Saturday, October 16, 2010

Zurek's improvement of the definition of entropy

"A potentially important application of algorithmic complexity to physics was proposed by Wojtek Żurek of the Los Alamos National Laboratory in New Mexico. In order to rid Boltzmann's definition of entropy of its troublesome element of subjectivity, Żurek suggested an almost imperceptible modification of it. Recall that entropy is a measure of missing information about a system. It therefore depends on what an observer happens to know: a smarter being has more information, is missing less, and thus assigns a lower entropy to a system than a more limited creature. To render entropy more objective, Żurek recommended adding a measure of recorded information to that of missing information. The sum of the two remains constant --if you remove data from one column, it reappears in the other. The observant creature thus becomes redundant; only the entries in its notebook or computer memory matter.

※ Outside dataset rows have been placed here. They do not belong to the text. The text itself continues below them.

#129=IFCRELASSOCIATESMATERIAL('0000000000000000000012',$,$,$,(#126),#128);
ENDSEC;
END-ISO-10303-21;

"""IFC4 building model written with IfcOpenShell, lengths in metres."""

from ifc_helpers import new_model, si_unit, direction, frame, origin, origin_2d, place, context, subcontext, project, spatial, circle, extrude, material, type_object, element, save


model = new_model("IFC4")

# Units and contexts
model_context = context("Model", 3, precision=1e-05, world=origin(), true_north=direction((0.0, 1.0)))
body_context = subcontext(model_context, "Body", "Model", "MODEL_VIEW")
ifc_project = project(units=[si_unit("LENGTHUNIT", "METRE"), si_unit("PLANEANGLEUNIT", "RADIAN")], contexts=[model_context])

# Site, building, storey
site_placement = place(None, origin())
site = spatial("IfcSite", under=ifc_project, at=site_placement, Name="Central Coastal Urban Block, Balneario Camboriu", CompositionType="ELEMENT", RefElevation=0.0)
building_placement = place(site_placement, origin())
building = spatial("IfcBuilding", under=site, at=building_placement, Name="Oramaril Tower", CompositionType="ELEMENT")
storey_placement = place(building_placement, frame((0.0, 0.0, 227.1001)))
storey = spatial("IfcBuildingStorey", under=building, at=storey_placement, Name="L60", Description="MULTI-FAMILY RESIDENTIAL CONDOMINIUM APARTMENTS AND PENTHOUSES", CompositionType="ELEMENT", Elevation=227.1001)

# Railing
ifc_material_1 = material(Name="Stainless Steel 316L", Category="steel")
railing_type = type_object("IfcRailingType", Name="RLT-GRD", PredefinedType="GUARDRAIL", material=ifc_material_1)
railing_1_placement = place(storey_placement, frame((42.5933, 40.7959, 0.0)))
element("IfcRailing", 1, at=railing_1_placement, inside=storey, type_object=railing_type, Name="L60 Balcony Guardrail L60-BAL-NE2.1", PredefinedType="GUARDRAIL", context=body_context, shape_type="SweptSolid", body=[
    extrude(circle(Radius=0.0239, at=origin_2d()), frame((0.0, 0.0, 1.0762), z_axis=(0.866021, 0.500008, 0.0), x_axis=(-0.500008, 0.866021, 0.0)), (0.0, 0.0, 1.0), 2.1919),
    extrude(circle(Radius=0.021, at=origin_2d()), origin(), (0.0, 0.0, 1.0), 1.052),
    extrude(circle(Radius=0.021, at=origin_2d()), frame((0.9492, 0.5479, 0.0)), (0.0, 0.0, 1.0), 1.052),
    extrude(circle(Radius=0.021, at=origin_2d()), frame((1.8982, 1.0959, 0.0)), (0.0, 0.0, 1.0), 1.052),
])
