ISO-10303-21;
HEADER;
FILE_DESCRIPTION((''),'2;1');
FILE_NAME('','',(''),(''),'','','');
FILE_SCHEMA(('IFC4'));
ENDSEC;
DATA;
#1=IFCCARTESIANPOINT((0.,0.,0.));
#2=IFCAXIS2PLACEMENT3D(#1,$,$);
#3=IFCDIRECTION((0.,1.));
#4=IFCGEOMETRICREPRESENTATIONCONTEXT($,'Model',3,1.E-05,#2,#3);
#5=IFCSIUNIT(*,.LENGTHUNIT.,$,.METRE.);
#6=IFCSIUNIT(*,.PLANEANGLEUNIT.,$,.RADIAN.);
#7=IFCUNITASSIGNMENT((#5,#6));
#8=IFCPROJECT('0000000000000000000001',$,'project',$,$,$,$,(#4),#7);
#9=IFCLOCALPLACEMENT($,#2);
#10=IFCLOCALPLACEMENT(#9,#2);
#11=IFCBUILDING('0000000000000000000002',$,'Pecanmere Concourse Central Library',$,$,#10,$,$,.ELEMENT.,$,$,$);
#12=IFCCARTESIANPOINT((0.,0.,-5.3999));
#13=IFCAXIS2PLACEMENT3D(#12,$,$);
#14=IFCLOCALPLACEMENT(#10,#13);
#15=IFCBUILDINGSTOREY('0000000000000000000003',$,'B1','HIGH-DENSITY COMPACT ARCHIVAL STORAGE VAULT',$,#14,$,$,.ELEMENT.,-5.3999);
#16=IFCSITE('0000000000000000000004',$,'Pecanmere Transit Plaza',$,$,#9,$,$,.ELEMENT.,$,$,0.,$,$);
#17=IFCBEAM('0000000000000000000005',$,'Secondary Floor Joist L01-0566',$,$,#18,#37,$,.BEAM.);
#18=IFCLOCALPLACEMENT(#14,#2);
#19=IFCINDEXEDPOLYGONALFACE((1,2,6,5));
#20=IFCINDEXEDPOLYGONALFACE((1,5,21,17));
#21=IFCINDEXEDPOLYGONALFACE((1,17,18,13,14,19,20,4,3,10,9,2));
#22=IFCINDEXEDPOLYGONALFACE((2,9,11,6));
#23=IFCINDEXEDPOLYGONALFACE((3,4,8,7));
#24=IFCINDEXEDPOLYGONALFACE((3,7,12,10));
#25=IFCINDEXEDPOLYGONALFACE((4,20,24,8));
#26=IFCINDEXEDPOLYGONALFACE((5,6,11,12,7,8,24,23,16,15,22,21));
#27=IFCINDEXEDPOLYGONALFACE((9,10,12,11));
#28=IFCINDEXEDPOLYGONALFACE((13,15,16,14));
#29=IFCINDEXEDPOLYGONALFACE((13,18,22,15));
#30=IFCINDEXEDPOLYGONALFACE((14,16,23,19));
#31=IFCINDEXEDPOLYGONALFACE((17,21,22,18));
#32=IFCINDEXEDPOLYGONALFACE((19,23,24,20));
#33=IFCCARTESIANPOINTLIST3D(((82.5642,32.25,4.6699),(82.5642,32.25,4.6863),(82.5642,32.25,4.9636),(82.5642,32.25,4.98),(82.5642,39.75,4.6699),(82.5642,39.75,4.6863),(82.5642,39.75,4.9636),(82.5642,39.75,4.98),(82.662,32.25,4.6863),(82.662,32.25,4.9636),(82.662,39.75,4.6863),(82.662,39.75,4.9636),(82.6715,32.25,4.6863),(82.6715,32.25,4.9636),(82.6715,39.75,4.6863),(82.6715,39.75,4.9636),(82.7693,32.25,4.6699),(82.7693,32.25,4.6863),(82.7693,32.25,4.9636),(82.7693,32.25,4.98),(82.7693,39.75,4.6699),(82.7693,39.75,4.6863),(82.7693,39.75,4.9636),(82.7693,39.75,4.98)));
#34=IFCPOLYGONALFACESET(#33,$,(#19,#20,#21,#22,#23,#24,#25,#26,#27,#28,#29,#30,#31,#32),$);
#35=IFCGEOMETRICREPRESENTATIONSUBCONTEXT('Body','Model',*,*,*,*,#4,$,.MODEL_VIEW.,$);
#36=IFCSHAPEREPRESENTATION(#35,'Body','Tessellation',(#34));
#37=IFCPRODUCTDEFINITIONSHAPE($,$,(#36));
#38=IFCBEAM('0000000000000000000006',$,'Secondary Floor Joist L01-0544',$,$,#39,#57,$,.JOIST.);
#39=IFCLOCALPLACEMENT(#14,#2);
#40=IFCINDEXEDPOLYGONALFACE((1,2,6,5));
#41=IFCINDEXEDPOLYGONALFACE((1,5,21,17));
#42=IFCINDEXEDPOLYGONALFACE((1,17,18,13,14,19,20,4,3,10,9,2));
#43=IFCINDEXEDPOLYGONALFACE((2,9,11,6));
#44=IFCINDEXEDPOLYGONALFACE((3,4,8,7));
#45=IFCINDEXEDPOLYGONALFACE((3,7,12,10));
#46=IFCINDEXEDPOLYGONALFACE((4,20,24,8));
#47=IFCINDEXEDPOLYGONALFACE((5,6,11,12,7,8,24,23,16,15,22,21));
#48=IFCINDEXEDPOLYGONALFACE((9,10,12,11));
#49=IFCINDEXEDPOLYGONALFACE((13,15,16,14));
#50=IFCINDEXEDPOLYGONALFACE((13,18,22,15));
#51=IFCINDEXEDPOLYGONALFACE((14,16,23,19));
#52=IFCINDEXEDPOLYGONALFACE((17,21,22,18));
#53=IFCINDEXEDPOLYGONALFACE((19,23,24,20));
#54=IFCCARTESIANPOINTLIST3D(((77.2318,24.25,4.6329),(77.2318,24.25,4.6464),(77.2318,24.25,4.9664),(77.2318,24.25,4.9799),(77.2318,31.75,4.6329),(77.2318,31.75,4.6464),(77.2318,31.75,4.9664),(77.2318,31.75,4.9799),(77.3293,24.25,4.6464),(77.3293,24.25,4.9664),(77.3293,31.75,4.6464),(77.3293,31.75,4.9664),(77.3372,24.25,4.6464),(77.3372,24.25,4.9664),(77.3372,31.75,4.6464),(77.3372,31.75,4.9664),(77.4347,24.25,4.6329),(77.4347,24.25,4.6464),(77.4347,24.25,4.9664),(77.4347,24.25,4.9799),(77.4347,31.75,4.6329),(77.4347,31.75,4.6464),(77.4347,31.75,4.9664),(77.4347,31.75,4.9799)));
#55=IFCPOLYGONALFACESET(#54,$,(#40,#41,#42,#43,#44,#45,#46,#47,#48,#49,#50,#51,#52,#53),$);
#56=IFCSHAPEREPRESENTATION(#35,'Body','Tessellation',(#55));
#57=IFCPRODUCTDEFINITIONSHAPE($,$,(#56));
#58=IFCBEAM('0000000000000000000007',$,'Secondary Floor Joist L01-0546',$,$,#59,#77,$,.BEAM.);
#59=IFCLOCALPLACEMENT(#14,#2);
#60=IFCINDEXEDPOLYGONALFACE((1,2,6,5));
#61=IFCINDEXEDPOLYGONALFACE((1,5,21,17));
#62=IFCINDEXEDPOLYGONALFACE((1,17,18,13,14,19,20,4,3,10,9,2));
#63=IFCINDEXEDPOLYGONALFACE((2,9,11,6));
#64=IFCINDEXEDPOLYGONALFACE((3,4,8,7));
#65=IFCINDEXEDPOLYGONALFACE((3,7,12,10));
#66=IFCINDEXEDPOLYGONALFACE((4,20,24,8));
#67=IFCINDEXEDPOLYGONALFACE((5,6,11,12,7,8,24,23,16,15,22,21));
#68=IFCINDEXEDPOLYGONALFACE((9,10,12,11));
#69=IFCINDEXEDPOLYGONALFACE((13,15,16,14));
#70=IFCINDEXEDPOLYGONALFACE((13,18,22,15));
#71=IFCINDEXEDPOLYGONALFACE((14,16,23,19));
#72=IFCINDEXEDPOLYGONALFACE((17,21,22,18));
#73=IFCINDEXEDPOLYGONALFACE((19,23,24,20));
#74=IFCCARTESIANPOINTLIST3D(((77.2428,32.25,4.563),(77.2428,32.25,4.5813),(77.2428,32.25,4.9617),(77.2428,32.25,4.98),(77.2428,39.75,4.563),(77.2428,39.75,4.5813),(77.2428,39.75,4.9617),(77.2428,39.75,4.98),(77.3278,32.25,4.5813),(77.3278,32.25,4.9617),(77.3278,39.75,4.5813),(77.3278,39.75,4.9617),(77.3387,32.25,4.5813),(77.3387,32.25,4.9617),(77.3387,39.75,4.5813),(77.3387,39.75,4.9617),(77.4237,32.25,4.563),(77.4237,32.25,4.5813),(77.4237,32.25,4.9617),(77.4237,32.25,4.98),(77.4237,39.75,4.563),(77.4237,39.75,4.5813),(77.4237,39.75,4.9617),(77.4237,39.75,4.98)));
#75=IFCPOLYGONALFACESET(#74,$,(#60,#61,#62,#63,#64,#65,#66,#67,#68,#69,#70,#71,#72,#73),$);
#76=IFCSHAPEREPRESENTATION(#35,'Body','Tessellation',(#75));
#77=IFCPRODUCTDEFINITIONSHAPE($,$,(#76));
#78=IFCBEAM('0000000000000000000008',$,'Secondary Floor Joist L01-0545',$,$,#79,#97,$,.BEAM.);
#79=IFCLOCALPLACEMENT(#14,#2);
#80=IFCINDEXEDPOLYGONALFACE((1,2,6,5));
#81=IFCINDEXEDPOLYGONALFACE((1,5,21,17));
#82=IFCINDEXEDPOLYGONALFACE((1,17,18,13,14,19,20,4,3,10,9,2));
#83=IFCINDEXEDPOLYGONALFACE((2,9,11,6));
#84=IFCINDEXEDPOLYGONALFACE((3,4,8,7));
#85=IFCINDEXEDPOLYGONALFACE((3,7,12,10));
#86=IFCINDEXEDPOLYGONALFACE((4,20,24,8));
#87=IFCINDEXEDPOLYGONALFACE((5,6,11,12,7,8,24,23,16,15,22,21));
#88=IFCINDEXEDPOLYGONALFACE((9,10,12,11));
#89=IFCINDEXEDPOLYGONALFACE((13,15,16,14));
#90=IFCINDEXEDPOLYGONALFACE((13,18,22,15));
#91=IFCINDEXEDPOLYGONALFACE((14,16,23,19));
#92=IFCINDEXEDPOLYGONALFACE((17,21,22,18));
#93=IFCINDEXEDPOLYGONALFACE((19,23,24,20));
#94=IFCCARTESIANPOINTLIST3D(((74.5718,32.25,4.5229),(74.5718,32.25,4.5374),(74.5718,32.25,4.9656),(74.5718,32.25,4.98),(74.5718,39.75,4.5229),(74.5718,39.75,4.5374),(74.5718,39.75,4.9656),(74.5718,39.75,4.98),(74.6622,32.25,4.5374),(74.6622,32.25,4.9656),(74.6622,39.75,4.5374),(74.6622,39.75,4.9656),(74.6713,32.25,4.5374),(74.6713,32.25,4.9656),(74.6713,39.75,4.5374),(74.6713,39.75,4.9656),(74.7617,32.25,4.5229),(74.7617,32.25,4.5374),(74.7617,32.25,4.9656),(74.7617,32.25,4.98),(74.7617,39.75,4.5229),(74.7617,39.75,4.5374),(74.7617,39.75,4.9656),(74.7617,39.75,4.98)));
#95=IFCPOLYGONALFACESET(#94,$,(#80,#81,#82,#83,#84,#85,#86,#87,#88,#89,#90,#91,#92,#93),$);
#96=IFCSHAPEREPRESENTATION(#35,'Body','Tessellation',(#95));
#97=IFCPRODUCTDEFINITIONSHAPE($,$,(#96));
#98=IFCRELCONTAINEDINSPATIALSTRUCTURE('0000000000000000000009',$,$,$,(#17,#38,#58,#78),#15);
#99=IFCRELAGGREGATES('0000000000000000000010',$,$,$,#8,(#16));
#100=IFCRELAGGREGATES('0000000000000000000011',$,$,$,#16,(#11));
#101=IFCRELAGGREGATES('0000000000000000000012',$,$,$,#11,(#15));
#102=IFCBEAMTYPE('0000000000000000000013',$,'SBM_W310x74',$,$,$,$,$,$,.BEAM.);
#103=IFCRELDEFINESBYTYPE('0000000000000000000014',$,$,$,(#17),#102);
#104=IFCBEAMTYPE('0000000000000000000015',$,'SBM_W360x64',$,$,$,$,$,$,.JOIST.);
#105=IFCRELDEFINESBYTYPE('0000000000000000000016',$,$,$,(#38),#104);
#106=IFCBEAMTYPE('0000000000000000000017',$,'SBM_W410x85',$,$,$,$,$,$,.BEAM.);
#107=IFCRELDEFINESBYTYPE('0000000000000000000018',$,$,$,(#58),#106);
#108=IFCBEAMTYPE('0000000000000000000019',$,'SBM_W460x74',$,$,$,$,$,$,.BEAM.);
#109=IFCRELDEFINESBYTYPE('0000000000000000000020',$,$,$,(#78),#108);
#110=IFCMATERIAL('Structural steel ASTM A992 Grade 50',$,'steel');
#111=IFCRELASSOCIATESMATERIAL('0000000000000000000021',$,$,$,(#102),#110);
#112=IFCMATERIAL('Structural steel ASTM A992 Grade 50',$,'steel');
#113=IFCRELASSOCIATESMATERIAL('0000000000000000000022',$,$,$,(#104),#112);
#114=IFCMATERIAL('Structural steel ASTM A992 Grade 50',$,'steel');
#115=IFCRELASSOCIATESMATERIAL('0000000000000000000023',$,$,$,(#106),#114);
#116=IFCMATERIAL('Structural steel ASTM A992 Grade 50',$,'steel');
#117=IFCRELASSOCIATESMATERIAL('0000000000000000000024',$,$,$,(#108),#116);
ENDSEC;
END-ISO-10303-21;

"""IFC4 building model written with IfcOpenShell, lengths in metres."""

from ifc_helpers import new_model, si_unit, direction, frame, origin, origin_2d, place, context, subcontext, project, spatial, i_section, extrude, material, material_profile, profile_set, type_object, element, save


model = new_model("IFC4")

# Units and contexts
model_context = context("Model", 3, precision=1e-05, world=origin(), true_north=direction((0.0, 1.0)))
body_context = subcontext(model_context, "Body", "Model", "MODEL_VIEW")
ifc_project = project(units=[si_unit("LENGTHUNIT", "METRE"), si_unit("PLANEANGLEUNIT", "RADIAN")], contexts=[model_context])

# Site, building, storey
site_placement = place(None, origin())
site = spatial("IfcSite", under=ifc_project, at=site_placement, Name="Pecanmere Transit Plaza", CompositionType="ELEMENT", RefElevation=0.0)
building_placement = place(site_placement, origin())
building = spatial("IfcBuilding", under=site, at=building_placement, Name="Pecanmere Concourse Central Library", CompositionType="ELEMENT")
storey_placement = place(building_placement, frame((0.0, 0.0, -5.3999)))
storey = spatial("IfcBuildingStorey", under=building, at=storey_placement, Name="B1", Description="HIGH-DENSITY COMPACT ARCHIVAL STORAGE VAULT", CompositionType="ELEMENT", Elevation=-5.3999)

# Beams
ifc_material_1 = material(Name="Structural steel ASTM A992 Grade 50", Category="steel")
ifc_material_profile_1 = material_profile(ifc_material_1, i_section(OverallWidth=0.2051, OverallDepth=0.3101, WebThickness=0.0095, FlangeThickness=0.0164, at=origin_2d()), Name="W310x74")
ifc_profile_set_1 = profile_set([ifc_material_profile_1], Name="Structural steel ASTM A992 Grade 50")
beam_type_1 = type_object("IfcBeamType", Name="SBM_W310x74", PredefinedType="BEAM", material=ifc_profile_set_1)
beam_1_placement = place(storey_placement, frame((82.6667, 32.25, 4.825), z_axis=(0.0, 1.0, 0.0), x_axis=(-1.0, 0.0, 0.0)))
element("IfcBeam", 1, at=beam_1_placement, inside=storey, type_object=beam_type_1, Name="Secondary Floor Joist L01-0566", PredefinedType="BEAM", context=body_context, shape_type="SweptSolid", body=[
    extrude(i_section(OverallWidth=0.2051, OverallDepth=0.3101, WebThickness=0.0095, FlangeThickness=0.0164, at=origin_2d()), origin(), (0.0, 0.0, 1.0), 7.5),
])
ifc_material_2 = material(Name="Structural steel ASTM A992 Grade 50", Category="steel")
ifc_material_profile_2 = material_profile(ifc_material_2, i_section(OverallWidth=0.2029, OverallDepth=0.3469, WebThickness=0.0078, FlangeThickness=0.0134, at=origin_2d()), Name="W360x64")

But how to access the amount of recorded information? Żurek chose algorithmic complexity as the most natural measure. Accordingly, his new, improved entropy consists of two portions: the conventional entropy as measured by the formula on Boltzmann's tomb, plus a piece that is normally inconceivably tiny, and accounts for the algorithmic complexity of the listing of recorded knowledge about the system. A mathematical description of the size and shape of a vessel containing a gas might be a typical item in the list, while missing information includes the coordinates of a vast number of atoms. Notice that in the hypothetical case that every position and every velocity of every atom is known, the Boltzmann entropy of the system is zero, but the added term --the length of the description of what's known, in binary code-- will be huge, bringing the total entropy back to its previous value. After a hundred years the reek of subjectivity has finally been lifted from the Second Law of Thermodynamics.

In spite of its cogency, Żurek's improved entropy has not gained much support.
Hans Christian von Baeyer, Information, the new language of science, Chapter 12

Simple. It reminds me of the kinetic and potential energy in adiabatic mechanical system, in which the sum of the two stays constant at all times. I also remember vaguely that the history of the total energy followed the same trajectory than that of entropy; only one portion of the energy was first defined and only when the second portion was defined, the energy became a constant of the system and starting to be accepted with its components, as valid quantities.